Ahh the dreaded temporary table and filesort. This is one performance killer that is incredibly bad on a high traffic site and the cause is fairly easy to explain.
MySQL tries to keep a result set in memory. When the query plan optimizer checks the number of rows that might be returned, it also looks at the table structure. In this case, we have text fields, and, a lot of them. However, it only takes one for MySQL to decide to write to disk.
The fix for this is somewhat simple to explain, but, may be a little difficult to implement. In our case, we have 91000 lines of some very poorly written php code that ‘builds’ the command through string concatenation, allowing for unique prefixes and tablenames. Houdini would be proud at the misdirection in this application, but, we’ve found the query through the MySQL slow query log, and we can fix it there, then, figure out where to modify the code.
Heart of the problem
select * from tablea,tableb where tablea.a=1 and tablea.b=2 and tablea.c=3 and tablea.id=tableb.id;
Of course, the initial application had no indexes on the 35000 row table.

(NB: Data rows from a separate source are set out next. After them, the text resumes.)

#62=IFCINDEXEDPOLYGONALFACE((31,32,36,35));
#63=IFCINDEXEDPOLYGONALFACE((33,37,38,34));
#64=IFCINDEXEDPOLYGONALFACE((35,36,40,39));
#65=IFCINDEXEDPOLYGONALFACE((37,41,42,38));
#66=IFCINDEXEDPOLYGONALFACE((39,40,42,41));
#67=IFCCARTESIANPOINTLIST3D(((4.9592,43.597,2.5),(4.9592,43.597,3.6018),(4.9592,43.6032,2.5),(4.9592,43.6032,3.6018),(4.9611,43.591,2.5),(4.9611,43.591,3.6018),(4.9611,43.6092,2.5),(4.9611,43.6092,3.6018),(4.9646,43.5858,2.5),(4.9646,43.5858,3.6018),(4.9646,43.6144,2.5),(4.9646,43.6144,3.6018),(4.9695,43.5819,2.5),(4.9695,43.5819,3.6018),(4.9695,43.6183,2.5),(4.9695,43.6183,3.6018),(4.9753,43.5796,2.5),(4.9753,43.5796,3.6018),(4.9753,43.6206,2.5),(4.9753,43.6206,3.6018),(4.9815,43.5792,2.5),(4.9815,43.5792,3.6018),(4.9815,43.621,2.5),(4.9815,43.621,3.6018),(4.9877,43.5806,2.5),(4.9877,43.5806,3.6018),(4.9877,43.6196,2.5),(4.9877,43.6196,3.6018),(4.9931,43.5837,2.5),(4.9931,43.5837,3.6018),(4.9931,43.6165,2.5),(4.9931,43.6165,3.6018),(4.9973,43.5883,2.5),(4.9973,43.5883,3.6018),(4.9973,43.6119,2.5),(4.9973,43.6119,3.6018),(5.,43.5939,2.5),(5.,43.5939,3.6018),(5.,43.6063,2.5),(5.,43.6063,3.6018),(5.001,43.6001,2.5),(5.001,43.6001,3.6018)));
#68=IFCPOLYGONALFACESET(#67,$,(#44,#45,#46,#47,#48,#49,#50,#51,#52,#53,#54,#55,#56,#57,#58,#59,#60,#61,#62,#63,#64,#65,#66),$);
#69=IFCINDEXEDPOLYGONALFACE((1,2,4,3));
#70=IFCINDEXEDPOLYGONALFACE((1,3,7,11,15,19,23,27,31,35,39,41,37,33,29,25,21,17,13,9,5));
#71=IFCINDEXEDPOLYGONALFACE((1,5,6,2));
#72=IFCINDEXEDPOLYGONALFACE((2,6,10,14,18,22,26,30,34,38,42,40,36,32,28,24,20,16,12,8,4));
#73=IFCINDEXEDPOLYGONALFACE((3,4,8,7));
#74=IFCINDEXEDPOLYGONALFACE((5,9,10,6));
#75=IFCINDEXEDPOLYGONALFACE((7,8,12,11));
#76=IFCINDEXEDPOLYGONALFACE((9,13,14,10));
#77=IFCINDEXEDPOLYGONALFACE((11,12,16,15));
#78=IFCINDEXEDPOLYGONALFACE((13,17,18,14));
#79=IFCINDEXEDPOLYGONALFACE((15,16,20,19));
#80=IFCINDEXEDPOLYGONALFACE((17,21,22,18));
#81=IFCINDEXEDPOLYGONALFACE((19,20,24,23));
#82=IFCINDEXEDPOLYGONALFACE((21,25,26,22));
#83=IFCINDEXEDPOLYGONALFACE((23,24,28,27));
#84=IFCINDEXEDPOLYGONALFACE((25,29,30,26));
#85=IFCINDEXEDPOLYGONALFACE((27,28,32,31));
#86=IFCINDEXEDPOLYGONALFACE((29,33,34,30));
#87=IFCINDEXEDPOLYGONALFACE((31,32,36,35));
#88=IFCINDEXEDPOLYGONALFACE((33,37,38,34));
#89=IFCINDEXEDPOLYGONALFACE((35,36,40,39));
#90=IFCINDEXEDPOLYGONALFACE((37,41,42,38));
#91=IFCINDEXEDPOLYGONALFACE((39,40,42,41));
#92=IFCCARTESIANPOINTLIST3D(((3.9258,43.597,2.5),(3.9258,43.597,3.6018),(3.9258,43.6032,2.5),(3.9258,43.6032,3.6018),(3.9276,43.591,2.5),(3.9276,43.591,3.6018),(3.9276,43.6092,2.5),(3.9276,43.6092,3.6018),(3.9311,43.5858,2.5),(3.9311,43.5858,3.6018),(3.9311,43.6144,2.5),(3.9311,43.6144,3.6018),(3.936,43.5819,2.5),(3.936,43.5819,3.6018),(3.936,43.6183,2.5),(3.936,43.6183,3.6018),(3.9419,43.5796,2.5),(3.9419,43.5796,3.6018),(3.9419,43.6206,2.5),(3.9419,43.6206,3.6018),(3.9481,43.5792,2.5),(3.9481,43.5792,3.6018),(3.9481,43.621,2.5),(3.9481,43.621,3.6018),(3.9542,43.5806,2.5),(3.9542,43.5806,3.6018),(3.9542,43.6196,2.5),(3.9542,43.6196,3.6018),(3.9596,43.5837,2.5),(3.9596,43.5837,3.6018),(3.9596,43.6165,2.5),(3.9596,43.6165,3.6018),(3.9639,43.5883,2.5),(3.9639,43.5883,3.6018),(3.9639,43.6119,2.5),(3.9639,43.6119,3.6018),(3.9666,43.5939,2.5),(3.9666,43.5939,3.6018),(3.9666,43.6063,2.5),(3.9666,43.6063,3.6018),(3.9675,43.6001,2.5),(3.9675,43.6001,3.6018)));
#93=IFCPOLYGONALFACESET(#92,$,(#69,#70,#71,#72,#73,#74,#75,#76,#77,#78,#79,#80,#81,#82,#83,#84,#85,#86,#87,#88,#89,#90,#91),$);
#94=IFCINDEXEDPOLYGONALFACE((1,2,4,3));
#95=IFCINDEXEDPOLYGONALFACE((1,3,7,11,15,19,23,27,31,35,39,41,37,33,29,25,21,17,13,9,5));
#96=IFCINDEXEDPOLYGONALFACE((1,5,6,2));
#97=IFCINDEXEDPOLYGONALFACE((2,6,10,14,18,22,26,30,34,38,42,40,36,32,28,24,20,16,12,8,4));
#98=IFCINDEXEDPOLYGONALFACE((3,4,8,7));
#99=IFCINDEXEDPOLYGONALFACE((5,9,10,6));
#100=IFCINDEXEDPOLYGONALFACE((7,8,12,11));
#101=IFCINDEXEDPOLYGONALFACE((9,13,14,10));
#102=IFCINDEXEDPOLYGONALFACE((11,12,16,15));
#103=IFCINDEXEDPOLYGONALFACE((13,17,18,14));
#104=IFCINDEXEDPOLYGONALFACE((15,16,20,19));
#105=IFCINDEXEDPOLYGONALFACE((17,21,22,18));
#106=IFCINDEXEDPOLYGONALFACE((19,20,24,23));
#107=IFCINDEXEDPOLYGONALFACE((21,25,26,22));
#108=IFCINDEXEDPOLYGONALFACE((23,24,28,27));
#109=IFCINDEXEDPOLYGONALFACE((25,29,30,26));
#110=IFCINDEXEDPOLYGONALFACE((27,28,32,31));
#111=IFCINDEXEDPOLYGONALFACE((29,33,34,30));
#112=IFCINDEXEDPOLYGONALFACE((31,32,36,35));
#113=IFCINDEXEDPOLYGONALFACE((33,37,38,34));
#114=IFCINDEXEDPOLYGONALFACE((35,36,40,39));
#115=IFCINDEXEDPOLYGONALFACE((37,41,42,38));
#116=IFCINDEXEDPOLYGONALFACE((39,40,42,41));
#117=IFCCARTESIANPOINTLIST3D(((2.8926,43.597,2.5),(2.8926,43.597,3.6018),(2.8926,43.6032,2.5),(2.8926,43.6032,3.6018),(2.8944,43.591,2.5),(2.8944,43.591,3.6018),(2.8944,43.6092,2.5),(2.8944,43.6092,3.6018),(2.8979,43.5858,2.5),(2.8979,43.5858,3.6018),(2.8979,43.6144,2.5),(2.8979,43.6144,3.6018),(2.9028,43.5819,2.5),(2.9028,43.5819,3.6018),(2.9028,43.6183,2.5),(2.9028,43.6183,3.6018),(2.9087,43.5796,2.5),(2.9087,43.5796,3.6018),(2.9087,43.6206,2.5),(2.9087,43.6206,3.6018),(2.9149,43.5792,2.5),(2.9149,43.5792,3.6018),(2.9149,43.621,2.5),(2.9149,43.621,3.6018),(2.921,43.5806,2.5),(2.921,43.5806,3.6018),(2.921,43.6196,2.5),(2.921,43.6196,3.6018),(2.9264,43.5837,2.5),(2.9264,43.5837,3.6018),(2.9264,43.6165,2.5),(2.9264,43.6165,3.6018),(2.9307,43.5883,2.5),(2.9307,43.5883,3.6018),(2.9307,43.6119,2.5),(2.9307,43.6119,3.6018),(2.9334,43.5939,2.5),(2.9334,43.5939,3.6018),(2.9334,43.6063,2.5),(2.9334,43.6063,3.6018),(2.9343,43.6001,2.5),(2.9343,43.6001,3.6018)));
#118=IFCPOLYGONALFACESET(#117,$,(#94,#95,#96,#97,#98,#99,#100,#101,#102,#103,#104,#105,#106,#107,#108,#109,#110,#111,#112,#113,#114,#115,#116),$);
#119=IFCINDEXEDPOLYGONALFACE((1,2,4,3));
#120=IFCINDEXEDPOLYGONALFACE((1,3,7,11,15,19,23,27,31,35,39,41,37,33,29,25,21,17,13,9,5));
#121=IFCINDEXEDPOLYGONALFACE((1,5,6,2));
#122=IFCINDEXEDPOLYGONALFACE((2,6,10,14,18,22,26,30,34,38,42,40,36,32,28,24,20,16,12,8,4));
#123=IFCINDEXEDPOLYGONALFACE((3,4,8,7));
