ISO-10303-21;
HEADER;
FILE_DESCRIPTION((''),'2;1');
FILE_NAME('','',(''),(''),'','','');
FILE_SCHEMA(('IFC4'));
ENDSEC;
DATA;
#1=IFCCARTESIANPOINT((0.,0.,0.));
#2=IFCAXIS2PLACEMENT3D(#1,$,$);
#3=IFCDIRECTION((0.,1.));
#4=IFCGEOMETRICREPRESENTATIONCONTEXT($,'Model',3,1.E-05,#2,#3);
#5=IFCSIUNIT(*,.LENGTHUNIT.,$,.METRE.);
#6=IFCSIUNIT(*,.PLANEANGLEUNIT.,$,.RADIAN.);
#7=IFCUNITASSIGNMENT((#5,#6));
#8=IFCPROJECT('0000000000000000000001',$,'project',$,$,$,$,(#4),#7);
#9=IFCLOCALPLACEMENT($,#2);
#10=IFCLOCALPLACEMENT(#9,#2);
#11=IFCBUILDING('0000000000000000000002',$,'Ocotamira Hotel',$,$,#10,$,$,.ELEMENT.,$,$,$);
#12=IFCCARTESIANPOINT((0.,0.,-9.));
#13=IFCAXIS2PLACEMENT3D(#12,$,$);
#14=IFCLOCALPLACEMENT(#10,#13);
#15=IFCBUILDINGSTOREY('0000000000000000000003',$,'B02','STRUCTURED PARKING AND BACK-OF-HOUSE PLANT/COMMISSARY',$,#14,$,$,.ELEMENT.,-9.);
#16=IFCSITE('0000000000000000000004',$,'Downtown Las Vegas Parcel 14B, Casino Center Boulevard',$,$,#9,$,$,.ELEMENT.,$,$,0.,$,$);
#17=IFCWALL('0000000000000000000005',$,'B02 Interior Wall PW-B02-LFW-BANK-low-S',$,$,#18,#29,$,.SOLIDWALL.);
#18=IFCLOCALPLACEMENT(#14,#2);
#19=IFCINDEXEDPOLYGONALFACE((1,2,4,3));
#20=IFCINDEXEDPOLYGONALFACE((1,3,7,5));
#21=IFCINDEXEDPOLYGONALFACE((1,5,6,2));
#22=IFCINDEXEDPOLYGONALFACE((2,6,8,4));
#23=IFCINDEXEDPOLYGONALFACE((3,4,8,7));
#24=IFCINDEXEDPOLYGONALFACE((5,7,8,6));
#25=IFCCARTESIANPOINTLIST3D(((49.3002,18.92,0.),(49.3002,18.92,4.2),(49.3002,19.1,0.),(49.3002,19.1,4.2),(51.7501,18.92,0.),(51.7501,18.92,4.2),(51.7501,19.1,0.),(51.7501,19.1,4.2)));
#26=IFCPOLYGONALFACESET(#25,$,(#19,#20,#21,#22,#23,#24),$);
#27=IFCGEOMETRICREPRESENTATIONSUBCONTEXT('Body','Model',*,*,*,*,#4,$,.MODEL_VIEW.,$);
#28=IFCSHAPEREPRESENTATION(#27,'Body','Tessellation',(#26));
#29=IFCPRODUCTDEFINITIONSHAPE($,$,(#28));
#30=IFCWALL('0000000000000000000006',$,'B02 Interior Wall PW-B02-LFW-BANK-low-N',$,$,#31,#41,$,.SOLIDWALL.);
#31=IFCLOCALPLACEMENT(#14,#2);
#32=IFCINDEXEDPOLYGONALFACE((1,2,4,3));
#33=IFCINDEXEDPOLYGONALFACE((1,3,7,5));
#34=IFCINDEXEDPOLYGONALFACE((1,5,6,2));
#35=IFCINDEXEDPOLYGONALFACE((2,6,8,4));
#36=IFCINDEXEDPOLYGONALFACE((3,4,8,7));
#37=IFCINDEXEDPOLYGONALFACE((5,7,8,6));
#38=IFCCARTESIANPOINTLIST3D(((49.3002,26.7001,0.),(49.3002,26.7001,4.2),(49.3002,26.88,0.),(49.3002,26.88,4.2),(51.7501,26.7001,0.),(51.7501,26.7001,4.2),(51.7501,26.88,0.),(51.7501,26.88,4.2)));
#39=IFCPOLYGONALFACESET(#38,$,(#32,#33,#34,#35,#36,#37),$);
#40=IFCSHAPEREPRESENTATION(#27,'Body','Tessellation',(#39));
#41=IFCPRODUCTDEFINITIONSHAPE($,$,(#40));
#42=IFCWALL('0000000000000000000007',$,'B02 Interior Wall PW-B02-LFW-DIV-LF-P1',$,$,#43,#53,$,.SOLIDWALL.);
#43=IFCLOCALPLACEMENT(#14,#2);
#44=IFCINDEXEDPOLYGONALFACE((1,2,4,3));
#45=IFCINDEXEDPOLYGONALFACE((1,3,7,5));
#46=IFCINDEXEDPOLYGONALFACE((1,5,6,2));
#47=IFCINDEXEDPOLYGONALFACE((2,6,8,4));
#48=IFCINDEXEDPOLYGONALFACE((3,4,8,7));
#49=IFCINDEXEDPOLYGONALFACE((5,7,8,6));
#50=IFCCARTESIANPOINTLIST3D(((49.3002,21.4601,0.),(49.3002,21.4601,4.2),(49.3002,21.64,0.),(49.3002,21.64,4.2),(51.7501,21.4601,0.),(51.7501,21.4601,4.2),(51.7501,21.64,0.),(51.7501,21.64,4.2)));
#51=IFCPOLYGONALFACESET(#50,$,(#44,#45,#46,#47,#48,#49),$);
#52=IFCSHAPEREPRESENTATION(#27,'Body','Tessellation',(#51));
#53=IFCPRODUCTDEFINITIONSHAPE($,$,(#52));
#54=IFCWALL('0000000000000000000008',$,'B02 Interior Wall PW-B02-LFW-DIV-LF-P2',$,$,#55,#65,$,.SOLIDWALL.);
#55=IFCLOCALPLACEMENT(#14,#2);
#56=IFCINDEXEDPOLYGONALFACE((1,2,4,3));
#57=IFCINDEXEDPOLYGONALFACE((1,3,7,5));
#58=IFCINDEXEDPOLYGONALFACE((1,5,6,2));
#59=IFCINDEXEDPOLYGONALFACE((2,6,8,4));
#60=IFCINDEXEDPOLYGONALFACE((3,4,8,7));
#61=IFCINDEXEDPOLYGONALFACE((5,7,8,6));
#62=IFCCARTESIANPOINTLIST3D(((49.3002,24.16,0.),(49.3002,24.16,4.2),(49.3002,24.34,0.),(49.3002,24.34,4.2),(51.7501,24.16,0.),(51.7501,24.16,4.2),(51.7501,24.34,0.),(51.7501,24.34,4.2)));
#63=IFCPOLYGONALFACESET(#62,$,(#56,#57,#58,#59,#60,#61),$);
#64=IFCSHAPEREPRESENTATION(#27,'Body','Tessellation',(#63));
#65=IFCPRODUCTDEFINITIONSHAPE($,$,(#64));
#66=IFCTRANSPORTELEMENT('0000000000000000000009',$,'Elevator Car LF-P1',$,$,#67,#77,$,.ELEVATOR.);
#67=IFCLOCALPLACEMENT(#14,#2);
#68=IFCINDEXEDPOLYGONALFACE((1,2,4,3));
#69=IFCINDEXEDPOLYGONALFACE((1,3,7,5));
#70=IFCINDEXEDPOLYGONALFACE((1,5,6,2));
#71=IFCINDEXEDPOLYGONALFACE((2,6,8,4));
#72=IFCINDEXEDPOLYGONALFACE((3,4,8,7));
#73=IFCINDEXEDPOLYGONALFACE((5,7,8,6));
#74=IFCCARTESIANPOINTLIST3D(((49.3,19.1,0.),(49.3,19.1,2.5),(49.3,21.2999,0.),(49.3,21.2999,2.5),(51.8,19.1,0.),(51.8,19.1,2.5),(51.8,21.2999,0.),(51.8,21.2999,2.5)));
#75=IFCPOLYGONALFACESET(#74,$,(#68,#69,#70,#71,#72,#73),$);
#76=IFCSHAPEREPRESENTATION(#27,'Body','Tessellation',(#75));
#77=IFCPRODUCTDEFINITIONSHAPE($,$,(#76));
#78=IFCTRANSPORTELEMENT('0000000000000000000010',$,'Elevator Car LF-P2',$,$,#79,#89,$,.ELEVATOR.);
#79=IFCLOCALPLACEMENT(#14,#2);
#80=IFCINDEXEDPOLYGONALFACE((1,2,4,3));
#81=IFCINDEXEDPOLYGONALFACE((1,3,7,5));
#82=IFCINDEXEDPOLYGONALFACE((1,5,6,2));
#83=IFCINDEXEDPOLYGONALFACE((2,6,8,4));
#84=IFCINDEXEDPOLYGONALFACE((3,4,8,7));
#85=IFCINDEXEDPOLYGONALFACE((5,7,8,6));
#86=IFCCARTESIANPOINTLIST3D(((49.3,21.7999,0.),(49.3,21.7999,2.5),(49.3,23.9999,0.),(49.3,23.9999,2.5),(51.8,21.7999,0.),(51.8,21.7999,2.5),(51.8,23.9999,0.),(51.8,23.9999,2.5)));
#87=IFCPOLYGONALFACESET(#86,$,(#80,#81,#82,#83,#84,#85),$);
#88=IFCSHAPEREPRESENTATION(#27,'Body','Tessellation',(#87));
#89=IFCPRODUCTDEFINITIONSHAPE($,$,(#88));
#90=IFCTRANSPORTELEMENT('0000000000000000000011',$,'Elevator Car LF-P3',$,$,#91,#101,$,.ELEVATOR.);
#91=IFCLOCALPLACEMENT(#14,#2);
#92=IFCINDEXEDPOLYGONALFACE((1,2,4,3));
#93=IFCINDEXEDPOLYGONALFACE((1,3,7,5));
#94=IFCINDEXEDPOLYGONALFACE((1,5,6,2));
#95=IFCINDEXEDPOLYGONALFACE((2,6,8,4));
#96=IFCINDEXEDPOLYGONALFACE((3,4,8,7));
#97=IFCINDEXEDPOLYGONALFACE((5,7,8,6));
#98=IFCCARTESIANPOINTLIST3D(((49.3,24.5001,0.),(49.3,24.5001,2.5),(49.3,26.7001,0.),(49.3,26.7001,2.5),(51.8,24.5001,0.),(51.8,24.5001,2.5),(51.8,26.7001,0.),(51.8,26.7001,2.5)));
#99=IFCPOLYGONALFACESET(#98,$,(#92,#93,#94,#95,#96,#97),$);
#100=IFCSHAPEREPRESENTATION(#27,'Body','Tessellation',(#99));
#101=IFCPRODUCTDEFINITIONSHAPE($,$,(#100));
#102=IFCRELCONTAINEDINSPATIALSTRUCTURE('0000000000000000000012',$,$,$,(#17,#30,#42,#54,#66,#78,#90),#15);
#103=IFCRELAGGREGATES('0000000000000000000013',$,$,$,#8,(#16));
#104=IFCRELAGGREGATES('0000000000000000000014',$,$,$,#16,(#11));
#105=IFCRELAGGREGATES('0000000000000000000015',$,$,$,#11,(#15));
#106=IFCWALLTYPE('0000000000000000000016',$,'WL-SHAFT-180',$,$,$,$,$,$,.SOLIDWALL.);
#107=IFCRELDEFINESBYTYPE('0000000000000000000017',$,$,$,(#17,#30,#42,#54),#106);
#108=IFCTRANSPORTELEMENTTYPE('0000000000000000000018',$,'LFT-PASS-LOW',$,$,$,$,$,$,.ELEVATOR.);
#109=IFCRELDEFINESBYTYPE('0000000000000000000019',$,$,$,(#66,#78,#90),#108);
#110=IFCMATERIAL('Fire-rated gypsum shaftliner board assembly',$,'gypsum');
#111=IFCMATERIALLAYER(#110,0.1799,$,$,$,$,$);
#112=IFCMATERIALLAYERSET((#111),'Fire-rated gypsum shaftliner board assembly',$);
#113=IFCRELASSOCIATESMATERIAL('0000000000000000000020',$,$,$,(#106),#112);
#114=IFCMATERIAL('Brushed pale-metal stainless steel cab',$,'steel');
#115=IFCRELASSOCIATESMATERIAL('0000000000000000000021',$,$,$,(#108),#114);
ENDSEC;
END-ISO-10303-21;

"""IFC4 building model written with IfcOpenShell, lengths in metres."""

from ifc_helpers import new_model, si_unit, direction, frame, frame_2d, origin, origin_2d, place, context, subcontext, project, spatial, rectangle, extrude, source, transform, mapped, material, layer, layer_set, type_object, element, save


model = new_model("IFC4")

# Units and contexts
model_context = context("Model", 3, precision=1e-05, world=origin(), true_north=direction((0.0, 1.0)))
body_context = subcontext(model_context, "Body", "Model", "MODEL_VIEW")
ifc_project = project(units=[si_unit("LENGTHUNIT", "METRE"), si_unit("PLANEANGLEUNIT", "RADIAN")], contexts=[model_context])

# Site, building, storey
site_placement = place(None, origin())
site = spatial("IfcSite", under=ifc_project, at=site_placement, Name="Downtown Las Vegas Parcel 14B, Casino Center Boulevard", CompositionType="ELEMENT", RefElevation=0.0)
building_placement = place(site_placement, origin())
building = spatial("IfcBuilding", under=site, at=building_placement, Name="Ocotamira Hotel", CompositionType="ELEMENT")
storey_placement = place(building_placement, frame((0.0, 0.0, -9.0)))
storey = spatial("IfcBuildingStorey", under=building, at=storey_placement, Name="B02", Description="STRUCTURED PARKING AND BACK-OF-HOUSE PLANT/COMMISSARY", CompositionType="ELEMENT", Elevation=-9.0)

# Shared definitions
ifc_material_1 = material(Name="Fire-rated gypsum shaftliner board assembly", Category="gypsum")
ifc_layer_1 = layer(ifc_material_1, 0.1799)
ifc_layer_set_1 = layer_set([ifc_layer_1], Name="Fire-rated gypsum shaftliner board assembly")
wall_type_1 = type_object("IfcWallType", Name="WL-SHAFT-180", PredefinedType="SOLIDWALL", material=ifc_layer_set_1)

# Walls
for number, where, z_axis, x_axis, name in (
    (1, (49.3, 19.01, 0.0), (0.0, 0.0, 1.0), (1.0, 0.0, 0.0), "B02 Interior Wall PW-B02-LFW-BANK-low-S"),
    (2, (49.3, 26.79, 0.0), (0.0, 0.0, 1.0), (1.0, 0.0, 0.0), "B02 Interior Wall PW-B02-LFW-BANK-low-N"),
    (3, (49.3, 21.55, 0.0), (0.0, 0.0, 1.0), (1.0, 0.0, 0.0), "B02 Interior Wall PW-B02-LFW-DIV-LF-P1"),
    (4, (49.3, 24.25, 0.0), (0.0, 0.0, 1.0), (1.0, 0.0, 0.0), "B02 Interior Wall PW-B02-LFW-DIV-LF-P2"),
):
    element("IfcWall", number, at=place(storey_placement, frame(where, z_axis=z_axis, x_axis=x_axis)), inside=storey, type_object=wall_type_1, Name=name, PredefinedType="SOLIDWALL", context=body_context, shape_type="SweptSolid", body=[
        extrude(rectangle(XDim=2.45, YDim=0.1799, at=frame_2d((1.2251, 0.0))), origin(), (0.0, 0.0, 1.0), 4.2),
    ])

# Transport elements
ifc_material_2 = material(Name="Brushed pale-metal stainless steel cab", Category="steel")
transport_element_type = type_object("IfcTransportElementType", Name="LFT-PASS-LOW", PredefinedType="ELEVATOR", material=ifc_material_2)
shared_shape_1 = source(origin(), body_context, "Body", "SweptSolid", [
    extrude(rectangle(XDim=2.5, YDim=2.2, at=origin_2d()), origin(), (0.0, 0.0, 1.0), 2.5),
])
for number, where, z_axis, x_axis, name in (
    (5, (50.55, 20.2, 0.0), (0.0, 0.0, 1.0), (1.0, 0.0, 0.0), "Elevator Car LF-P1"),
    (6, (50.55, 22.8999, 0.0), (0.0, 0.0, 1.0), (1.0, 0.0, 0.0), "Elevator Car LF-P2"),
    (7, (50.55, 25.6001, 0.0), (0.0, 0.0, 1.0), (1.0, 0.0, 0.0), "Elevator Car LF-P3"),
):
    element("IfcTransportElement", number, at=place(storey_placement, frame(where, z_axis=z_axis, x_axis=x_axis)), inside=storey, type_object=transport_element_type, Name=name, PredefinedType="ELEVATOR", context=body_context, shape_type="MappedRepresentation", body=[
        mapped(shared_shape_1, transform((0.0, 0.0, 0.0), scale=1.0)),
    ])

save(model, "model.ifc")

If you’re interested in some blog posts I wrote about indexing, MySQL Query Optimization, MySQL 5.1’s Query Optimizer and Designing MySQL Indices.
What is the solution to dealing with queries that return text fields?
Creative use of Subqueries is needed.
SELECT * from tablea,tableb where tablea.id in (SELECT id from tablea where a=1 and b=2 and c=3) and tablea.id=tableb.id;
But wait, I need a limit clause in my subselect and MySQL says:
ERROR 1235 (42000): This version of MySQL doesn't yet support 'LIMIT & IN/ALL/ANY/SOME subquery'
Now we modify the query slightly to use a join:
select * from tablea where tablea.id join (SELECT id from tablea where a=1 and b=2 and c=3 order by c desc limit 15) subq on subq.id=tablea.id,tableb where tablea.id=tableb.id;
We’ve avoided the creation of the temporary table, we’ve avoided the filesort and we’ve saved ten seconds off this query which is loaded on every pageload.
Now to convince this person that they don’t need to regenerate the page on every pageload – only when they are adding content. But, that’s an argument for another day.